For visualization, we'll create maps on the same color scale (using [tmap](https://r-tmap.github.io/tmap/)).

```{r}
nation <- us_svi_phl %>%
  select(GEOID, geometry, RPL_THEMES) %>%
  drop_na() %>%
  #using NAD83 in tmap
  tm_shape(projection = sf::st_crs(26915))+
  tm_polygons("RPL_THEMES",
    palette = c("orange","navy"),
    style = "cont",
    breaks = c(0, 0.25, 0.5, 0.75, 1),
    title = "SVI (by tract)")+
  tm_layout(title = "Nationwide SVI: \nPhiladelphia subset",
    title.size = 1,
    title.position = c("left", "TOP"),
    legend.position = c("RIGHT", "bottom"),
    legend.title.size = 0.9,
    legend.width = 2)

state <- pa_svi_phl %>%
  select(GEOID, geometry, RPL_THEMES) %>%
  drop_na() %>%
  tm_shape(projection = sf::st_crs(26915))+
  tm_polygons("RPL_THEMES",
    palette = c("orange","navy"),
    style = "cont",
    breaks = c(0, 0.25, 0.5, 0.75, 1),
    title = "SVI (by tract)")+
  tm_layout(title = "Statewide SVI: \nPhiladelphia subset",
    title.size = 1,
    title.position = c("left", "TOP"),
    legend.position = c("RIGHT", "bottom"),
    legend.title.size = 0.9,
    legend.width = 2)

county <- phl_svi %>%
  select(GEOID, geometry, RPL_themes) %>%
  drop_na() %>%
  tm_shape(projection = sf::st_crs(26915))+
  tm_polygons("RPL_themes",
    palette = c("orange","navy"),
    style = "cont",
    breaks = c(0, 0.25, 0.5, 0.75, 1),
    title = "SVI (by tract)")+
  tm_layout(title = "County-specific SVI: \nPhiladelphia",
    title.size = 1,
    title.position = c("left", "TOP"),
    legend.position = c("RIGHT", "bottom"),
    legend.title.size = 0.9,
    legend.width = 2)

plots <- list(nation, state, county)

current.mode <- tmap_mode("plot")

tmap_arrange(
  plots,
  nrow = 1,
  width = c(0.34, 0.33, 0.33)
)

```

As we can see, while the SVI values (actual color) vary among the three maps depending on how the percentile ranking is performed to obtain the SVI, they generally show the same pattern (which tracts are darker/lighter in each map). 

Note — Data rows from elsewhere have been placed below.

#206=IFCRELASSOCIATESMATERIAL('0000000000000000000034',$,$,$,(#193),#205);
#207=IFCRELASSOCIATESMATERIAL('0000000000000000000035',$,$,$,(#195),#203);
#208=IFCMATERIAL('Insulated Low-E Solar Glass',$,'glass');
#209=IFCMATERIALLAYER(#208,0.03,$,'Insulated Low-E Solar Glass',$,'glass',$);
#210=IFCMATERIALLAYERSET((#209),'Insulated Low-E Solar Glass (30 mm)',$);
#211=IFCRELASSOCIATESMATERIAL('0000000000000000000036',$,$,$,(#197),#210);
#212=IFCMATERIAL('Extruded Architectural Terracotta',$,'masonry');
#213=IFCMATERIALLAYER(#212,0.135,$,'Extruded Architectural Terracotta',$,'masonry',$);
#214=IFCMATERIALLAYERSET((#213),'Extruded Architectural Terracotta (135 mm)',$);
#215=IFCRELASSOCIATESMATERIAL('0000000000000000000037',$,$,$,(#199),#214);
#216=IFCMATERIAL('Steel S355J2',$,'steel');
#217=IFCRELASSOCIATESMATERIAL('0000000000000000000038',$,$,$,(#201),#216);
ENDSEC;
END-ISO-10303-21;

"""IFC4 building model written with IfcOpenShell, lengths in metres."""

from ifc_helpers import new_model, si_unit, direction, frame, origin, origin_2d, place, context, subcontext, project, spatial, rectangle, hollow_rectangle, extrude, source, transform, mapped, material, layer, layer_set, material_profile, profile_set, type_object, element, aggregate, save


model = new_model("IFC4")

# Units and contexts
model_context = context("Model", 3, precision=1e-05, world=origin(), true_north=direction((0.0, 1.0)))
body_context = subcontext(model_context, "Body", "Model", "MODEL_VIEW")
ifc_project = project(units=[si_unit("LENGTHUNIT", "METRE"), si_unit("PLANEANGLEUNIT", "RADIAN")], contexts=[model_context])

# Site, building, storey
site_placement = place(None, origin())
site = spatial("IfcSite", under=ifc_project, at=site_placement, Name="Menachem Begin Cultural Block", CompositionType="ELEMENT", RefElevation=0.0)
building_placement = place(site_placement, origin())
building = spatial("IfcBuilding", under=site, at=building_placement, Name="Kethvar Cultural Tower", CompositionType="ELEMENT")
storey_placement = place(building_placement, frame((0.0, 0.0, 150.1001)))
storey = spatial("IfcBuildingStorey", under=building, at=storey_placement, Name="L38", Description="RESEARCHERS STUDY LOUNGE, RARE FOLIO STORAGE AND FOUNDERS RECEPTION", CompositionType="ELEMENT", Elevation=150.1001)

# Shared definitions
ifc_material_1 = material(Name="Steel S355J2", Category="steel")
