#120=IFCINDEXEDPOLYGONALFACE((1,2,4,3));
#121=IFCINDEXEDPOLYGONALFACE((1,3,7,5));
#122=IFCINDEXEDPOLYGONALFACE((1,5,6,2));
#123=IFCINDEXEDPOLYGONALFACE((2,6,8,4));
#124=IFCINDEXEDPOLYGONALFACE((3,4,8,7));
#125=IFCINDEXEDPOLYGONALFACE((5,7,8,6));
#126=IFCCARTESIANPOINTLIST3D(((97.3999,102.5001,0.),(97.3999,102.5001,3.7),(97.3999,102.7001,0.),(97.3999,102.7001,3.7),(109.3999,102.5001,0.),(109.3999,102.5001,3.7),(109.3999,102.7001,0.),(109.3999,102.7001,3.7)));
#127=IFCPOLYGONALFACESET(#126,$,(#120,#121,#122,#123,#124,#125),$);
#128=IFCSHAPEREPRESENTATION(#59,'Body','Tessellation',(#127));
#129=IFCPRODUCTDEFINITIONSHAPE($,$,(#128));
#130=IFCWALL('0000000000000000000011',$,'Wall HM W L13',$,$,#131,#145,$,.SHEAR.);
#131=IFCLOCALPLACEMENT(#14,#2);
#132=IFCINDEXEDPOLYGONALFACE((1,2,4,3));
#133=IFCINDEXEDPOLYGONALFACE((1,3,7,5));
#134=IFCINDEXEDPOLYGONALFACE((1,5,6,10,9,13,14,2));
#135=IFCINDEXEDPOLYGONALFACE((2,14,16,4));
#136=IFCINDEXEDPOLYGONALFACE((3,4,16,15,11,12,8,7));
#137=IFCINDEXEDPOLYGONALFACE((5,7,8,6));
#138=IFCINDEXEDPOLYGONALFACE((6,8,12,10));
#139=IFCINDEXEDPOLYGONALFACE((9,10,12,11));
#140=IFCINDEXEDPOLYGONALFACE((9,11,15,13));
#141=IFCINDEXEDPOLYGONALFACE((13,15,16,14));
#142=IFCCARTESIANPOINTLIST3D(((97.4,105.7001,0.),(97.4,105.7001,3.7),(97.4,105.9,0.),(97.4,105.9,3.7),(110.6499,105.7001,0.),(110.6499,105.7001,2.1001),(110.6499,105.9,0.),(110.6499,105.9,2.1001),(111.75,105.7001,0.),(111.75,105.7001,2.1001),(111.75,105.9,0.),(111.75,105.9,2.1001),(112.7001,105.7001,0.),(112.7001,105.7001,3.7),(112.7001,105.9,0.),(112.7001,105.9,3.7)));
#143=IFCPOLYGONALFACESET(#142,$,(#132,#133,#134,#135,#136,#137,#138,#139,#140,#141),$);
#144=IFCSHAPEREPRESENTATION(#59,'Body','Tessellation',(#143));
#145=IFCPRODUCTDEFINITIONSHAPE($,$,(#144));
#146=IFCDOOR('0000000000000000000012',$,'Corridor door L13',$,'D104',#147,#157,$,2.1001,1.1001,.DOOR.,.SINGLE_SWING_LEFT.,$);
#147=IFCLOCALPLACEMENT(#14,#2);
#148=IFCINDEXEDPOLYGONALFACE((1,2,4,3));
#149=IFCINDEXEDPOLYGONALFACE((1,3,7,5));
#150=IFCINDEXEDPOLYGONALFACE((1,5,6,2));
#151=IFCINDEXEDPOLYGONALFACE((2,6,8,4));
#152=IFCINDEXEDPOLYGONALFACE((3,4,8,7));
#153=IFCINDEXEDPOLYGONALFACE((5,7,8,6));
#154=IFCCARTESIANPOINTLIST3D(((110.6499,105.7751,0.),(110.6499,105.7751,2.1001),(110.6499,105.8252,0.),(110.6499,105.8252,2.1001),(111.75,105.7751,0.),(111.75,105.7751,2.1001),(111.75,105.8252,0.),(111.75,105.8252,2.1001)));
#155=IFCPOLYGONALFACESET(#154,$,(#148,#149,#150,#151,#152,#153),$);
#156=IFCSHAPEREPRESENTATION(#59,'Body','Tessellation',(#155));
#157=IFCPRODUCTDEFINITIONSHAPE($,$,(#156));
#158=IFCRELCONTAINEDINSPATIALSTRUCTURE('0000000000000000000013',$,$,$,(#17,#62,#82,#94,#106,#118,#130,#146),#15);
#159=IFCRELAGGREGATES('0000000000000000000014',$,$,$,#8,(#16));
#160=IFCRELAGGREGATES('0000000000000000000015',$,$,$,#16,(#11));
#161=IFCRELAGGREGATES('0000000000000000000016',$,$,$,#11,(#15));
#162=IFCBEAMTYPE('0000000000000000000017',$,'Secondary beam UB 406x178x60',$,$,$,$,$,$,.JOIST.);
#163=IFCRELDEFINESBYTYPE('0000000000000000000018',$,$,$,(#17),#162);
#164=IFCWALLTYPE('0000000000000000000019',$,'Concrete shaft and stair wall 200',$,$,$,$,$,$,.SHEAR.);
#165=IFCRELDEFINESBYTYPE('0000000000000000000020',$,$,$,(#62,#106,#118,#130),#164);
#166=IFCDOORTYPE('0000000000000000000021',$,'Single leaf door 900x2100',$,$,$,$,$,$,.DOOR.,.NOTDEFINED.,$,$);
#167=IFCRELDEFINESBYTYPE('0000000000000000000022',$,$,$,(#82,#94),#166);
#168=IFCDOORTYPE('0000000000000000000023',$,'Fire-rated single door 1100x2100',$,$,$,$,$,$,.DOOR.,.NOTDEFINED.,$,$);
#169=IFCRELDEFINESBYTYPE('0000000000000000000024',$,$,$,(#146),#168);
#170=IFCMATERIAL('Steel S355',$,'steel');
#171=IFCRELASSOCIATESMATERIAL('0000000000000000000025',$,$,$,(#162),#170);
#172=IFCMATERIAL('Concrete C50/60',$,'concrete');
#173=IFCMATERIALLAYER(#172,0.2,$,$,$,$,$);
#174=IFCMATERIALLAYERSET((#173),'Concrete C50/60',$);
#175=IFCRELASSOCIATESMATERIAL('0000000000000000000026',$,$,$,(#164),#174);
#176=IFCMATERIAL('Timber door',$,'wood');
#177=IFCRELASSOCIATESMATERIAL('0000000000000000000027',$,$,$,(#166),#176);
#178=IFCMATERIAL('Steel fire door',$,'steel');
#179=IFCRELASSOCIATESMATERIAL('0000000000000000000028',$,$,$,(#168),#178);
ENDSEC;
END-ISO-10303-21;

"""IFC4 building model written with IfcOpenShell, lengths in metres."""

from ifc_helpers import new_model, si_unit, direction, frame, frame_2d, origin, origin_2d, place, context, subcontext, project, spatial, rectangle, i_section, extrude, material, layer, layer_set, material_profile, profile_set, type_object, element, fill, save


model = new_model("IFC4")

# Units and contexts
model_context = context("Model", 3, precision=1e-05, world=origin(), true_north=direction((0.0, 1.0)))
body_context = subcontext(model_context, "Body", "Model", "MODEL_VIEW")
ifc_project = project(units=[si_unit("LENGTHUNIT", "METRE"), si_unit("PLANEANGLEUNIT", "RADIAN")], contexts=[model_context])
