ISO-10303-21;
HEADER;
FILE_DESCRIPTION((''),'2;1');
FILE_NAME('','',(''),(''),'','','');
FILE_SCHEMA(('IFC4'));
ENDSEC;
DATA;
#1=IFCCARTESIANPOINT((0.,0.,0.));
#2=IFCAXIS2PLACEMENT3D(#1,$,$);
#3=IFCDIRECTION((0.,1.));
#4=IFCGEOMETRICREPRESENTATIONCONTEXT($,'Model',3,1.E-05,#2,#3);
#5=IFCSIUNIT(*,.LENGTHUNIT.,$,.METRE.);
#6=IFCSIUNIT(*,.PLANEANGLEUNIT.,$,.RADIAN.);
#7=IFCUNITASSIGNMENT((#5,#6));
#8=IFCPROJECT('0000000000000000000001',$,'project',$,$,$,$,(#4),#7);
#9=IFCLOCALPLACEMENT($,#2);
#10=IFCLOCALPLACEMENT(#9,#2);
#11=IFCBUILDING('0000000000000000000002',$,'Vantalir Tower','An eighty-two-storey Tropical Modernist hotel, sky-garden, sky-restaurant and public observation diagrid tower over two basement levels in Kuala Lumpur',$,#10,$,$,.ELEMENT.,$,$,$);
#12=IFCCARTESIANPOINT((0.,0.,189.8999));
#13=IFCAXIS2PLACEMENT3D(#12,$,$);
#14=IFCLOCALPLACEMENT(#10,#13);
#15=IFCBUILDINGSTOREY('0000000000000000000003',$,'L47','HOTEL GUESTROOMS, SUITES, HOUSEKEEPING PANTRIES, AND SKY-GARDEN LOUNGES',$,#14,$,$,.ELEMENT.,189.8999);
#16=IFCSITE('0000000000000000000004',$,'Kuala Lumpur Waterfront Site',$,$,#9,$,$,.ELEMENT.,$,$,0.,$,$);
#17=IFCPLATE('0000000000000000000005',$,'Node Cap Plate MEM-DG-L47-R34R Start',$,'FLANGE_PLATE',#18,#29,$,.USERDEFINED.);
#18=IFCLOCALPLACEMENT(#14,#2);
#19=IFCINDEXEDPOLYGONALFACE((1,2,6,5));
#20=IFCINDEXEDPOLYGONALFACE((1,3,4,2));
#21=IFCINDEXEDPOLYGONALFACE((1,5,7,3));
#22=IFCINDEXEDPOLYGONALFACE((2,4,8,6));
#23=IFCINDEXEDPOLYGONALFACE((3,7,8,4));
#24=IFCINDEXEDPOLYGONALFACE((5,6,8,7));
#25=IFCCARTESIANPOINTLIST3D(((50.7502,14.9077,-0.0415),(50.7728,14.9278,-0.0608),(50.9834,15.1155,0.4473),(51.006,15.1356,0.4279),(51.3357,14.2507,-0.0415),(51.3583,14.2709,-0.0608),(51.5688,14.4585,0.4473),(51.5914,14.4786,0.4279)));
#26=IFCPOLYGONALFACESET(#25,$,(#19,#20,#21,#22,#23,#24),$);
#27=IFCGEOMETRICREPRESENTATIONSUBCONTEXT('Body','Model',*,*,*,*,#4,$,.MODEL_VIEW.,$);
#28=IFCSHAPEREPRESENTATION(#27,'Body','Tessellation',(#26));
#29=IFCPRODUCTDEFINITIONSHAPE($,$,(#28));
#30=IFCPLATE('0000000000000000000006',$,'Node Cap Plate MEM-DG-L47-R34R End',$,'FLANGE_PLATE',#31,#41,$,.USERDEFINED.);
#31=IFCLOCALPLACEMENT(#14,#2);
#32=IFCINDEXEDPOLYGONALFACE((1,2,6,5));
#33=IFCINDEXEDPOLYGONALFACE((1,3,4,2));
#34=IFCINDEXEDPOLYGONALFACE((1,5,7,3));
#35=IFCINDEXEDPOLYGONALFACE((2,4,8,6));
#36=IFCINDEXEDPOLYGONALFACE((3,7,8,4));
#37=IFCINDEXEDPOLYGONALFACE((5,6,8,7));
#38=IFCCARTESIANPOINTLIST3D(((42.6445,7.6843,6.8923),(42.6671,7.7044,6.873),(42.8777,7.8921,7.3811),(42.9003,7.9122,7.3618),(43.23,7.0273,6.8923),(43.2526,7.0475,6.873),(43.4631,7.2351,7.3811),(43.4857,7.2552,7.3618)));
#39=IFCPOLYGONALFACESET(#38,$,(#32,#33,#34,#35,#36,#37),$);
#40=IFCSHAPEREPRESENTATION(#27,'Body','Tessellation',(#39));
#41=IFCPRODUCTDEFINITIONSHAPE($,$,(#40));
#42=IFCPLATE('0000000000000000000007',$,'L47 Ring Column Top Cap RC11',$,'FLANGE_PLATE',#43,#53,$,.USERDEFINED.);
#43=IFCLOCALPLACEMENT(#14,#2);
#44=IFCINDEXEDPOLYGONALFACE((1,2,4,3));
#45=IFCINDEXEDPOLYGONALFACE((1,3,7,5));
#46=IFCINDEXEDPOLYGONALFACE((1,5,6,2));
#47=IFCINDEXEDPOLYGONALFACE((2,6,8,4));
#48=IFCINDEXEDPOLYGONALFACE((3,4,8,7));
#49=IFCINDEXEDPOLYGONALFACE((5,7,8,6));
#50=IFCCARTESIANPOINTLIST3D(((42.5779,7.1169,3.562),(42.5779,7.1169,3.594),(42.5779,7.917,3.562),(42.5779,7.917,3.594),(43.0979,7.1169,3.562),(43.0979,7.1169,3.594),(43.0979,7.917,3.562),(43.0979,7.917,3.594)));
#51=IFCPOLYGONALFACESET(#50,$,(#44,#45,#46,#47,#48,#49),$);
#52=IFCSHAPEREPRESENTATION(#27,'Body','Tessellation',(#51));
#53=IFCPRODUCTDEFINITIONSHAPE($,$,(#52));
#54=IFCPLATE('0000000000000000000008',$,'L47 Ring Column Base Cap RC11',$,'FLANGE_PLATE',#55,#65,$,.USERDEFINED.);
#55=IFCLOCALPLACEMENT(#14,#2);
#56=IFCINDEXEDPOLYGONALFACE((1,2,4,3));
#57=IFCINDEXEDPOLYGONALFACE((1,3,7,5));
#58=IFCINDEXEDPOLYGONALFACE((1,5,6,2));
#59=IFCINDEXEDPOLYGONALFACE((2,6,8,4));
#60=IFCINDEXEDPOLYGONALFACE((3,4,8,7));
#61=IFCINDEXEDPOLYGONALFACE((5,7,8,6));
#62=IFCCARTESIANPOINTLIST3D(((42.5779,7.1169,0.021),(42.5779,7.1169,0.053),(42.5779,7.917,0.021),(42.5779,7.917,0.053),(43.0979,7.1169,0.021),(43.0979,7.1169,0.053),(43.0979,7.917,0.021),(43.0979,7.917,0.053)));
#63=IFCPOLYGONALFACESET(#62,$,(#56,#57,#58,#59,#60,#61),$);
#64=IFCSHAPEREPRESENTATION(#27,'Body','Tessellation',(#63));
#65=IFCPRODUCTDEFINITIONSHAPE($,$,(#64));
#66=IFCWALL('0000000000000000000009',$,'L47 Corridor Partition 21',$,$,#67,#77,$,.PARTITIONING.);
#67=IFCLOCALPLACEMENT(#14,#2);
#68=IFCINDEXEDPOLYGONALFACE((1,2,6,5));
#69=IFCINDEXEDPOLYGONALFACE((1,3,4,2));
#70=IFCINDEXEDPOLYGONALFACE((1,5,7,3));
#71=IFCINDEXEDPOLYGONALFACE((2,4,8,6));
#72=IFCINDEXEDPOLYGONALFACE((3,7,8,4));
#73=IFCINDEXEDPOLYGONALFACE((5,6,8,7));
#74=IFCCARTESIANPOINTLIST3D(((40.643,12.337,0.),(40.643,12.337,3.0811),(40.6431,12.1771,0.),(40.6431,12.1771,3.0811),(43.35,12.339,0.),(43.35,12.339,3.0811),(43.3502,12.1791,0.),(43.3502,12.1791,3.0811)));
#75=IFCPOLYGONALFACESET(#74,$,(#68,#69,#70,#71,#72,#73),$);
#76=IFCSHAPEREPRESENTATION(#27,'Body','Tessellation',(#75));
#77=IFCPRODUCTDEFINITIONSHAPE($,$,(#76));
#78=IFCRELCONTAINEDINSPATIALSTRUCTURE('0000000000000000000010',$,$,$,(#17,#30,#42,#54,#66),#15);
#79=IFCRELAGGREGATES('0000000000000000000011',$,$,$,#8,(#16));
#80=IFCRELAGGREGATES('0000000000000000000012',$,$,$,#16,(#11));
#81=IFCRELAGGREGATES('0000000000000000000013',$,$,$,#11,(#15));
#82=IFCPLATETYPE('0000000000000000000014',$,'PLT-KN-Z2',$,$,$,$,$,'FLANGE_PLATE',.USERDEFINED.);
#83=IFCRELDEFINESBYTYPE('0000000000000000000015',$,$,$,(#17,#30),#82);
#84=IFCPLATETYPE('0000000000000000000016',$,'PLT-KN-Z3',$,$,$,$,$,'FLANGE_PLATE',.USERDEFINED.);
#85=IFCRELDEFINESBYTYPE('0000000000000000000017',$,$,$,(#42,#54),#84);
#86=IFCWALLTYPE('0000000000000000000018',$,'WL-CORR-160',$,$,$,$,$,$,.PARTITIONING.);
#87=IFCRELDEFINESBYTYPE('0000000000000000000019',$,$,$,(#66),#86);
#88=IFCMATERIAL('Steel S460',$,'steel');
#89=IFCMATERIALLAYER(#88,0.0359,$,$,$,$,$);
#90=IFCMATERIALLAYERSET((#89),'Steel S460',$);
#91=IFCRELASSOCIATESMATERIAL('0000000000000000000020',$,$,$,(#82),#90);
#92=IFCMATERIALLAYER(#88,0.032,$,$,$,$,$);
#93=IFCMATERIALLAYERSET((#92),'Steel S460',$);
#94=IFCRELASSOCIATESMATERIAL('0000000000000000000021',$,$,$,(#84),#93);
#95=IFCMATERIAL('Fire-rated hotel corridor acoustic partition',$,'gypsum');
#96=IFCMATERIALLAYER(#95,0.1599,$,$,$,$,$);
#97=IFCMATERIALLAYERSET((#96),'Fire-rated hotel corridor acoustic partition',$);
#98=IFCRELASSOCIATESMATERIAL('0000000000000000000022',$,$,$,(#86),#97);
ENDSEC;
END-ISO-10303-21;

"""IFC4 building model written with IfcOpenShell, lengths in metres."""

from ifc_helpers import new_model, si_unit, direction, frame, frame_2d, origin, place, context, subcontext, project, spatial, polyline, rectangle, outline, extrude, material, layer, layer_set, type_object, element, save


model = new_model("IFC4")

# Units and contexts
model_context = context("Model", 3, precision=1e-05, world=origin(), true_north=direction((0.0, 1.0)))
body_context = subcontext(model_context, "Body", "Model", "MODEL_VIEW")
ifc_project = project(units=[si_unit("LENGTHUNIT", "METRE"), si_unit("PLANEANGLEUNIT", "RADIAN")], contexts=[model_context])

# Site, building, storey
site_placement = place(None, origin())
site = spatial("IfcSite", under=ifc_project, at=site_placement, Name="Kuala Lumpur Waterfront Site", CompositionType="ELEMENT", RefElevation=0.0)
building_placement = place(site_placement, origin())
building = spatial("IfcBuilding", under=site, at=building_placement, Name="Vantalir Tower", Description="An eighty-two-storey Tropical Modernist hotel, sky-garden, sky-restaurant and public observation diagrid tower over two basement levels in Kuala Lumpur", CompositionType="ELEMENT")
storey_placement = place(building_placement, frame((0.0, 0.0, 189.8999)))
storey = spatial("IfcBuildingStorey", under=building, at=storey_placement, Name="L47", Description="HOTEL GUESTROOMS, SUITES, HOUSEKEEPING PANTRIES, AND SKY-GARDEN LOUNGES", CompositionType="ELEMENT", Elevation=189.8999)

# Shared definitions
ifc_material_1 = material(Name="Steel S460", Category="steel")

# Plates
ifc_layer_1 = layer(ifc_material_1, 0.0359)
ifc_layer_set_1 = layer_set([ifc_layer_1], Name="Steel S460")
plate_type_1 = type_object("IfcPlateType", Name="PLT-KN-Z2", ElementType="FLANGE_PLATE", PredefinedType="USERDEFINED", material=ifc_layer_set_1)
for number, where, z_axis, x_axis, name in (
    (1, (50.7502, 14.9077, -0.0415), (-0.629128, -0.560628, 0.538418), (0.665293, -0.746582, 0.0), "Node Cap Plate MEM-DG-L47-R34R Start"),
    (2, (42.6445, 7.6843, 6.8923), (-0.629128, -0.560628, 0.538418), (0.665293, -0.746582, 0.0), "Node Cap Plate MEM-DG-L47-R34R End"),
):
    element("IfcPlate", number, at=place(storey_placement, frame(where, z_axis=z_axis, x_axis=x_axis)), inside=storey, type_object=plate_type_1, Name=name, ObjectType="FLANGE_PLATE", PredefinedType="USERDEFINED", context=body_context, shape_type="SweptSolid", body=[
        extrude(outline(polyline([(0.0, 0.0), (0.88, 0.0), (0.88, 0.58), (0.0, 0.58), (0.0, 0.0)])), origin(), (0.0, 0.0, -1.0), 0.0359),
    ])
ifc_layer_2 = layer(ifc_material_1, 0.032)
ifc_layer_set_2 = layer_set([ifc_layer_2], Name="Steel S460")
plate_type_2 = type_object("IfcPlateType", Name="PLT-KN-Z3", ElementType="FLANGE_PLATE", PredefinedType="USERDEFINED", material=ifc_layer_set_2)
for number, where, z_axis, x_axis, name in (
    (3, (42.5779, 7.917, 3.594), (0.0, 0.0, 1.0), (0.0, -1.0, 0.0), "L47 Ring Column Top Cap RC11"),
    (4, (42.5779, 7.917, 0.053), (0.0, 0.0, 1.0), (0.0, -1.0, 0.0), "L47 Ring Column Base Cap RC11"),
):
    element("IfcPlate", number, at=place(storey_placement, frame(where, z_axis=z_axis, x_axis=x_axis)), inside=storey, type_object=plate_type_2, Name=name, ObjectType="FLANGE_PLATE", PredefinedType="USERDEFINED", context=body_context, shape_type="SweptSolid", body=[
        extrude(outline(polyline([(0.0, 0.0), (0.8, 0.0), (0.8, 0.52), (0.0, 0.52), (0.0, 0.0)])), origin(), (0.0, 0.0, -1.0), 0.032),
    ])

# Wall
ifc_material_2 = material(Name="Fire-rated hotel corridor acoustic partition", Category="gypsum")
ifc_layer_3 = layer(ifc_material_2, 0.1599)
ifc_layer_set_3 = layer_set([ifc_layer_3], Name="Fire-rated hotel corridor acoustic partition")
wall_type = type_object("IfcWallType", Name="WL-CORR-160", PredefinedType="PARTITIONING", material=ifc_layer_set_3)
wall_placement = place(storey_placement, frame((43.3501, 12.259, 0.0), z_axis=(0.0, 0.0, 1.0), x_axis=(-1.0, -0.000722, 0.0)))
element("IfcWall", 5, at=wall_placement, inside=storey, type_object=wall_type, Name="L47 Corridor Partition 21", PredefinedType="PARTITIONING", context=body_context, shape_type="SweptSolid", body=[
    extrude(rectangle(XDim=2.707, YDim=0.1599, at=frame_2d((1.3535, 0.0))), origin(), (0.0, 0.0, 1.0), 3.0811),
])

save(model, "model.ifc")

Overall, while total areas included in percentile ranking affect resulting SVI values, they provide different perspectives to look at the same story. On another note, when studying the social vulnerability within a smaller region, especially metropolitan areas/cities, it may be helpful to consider the geographic context in interpreting SVI to better understand the disparities among communities.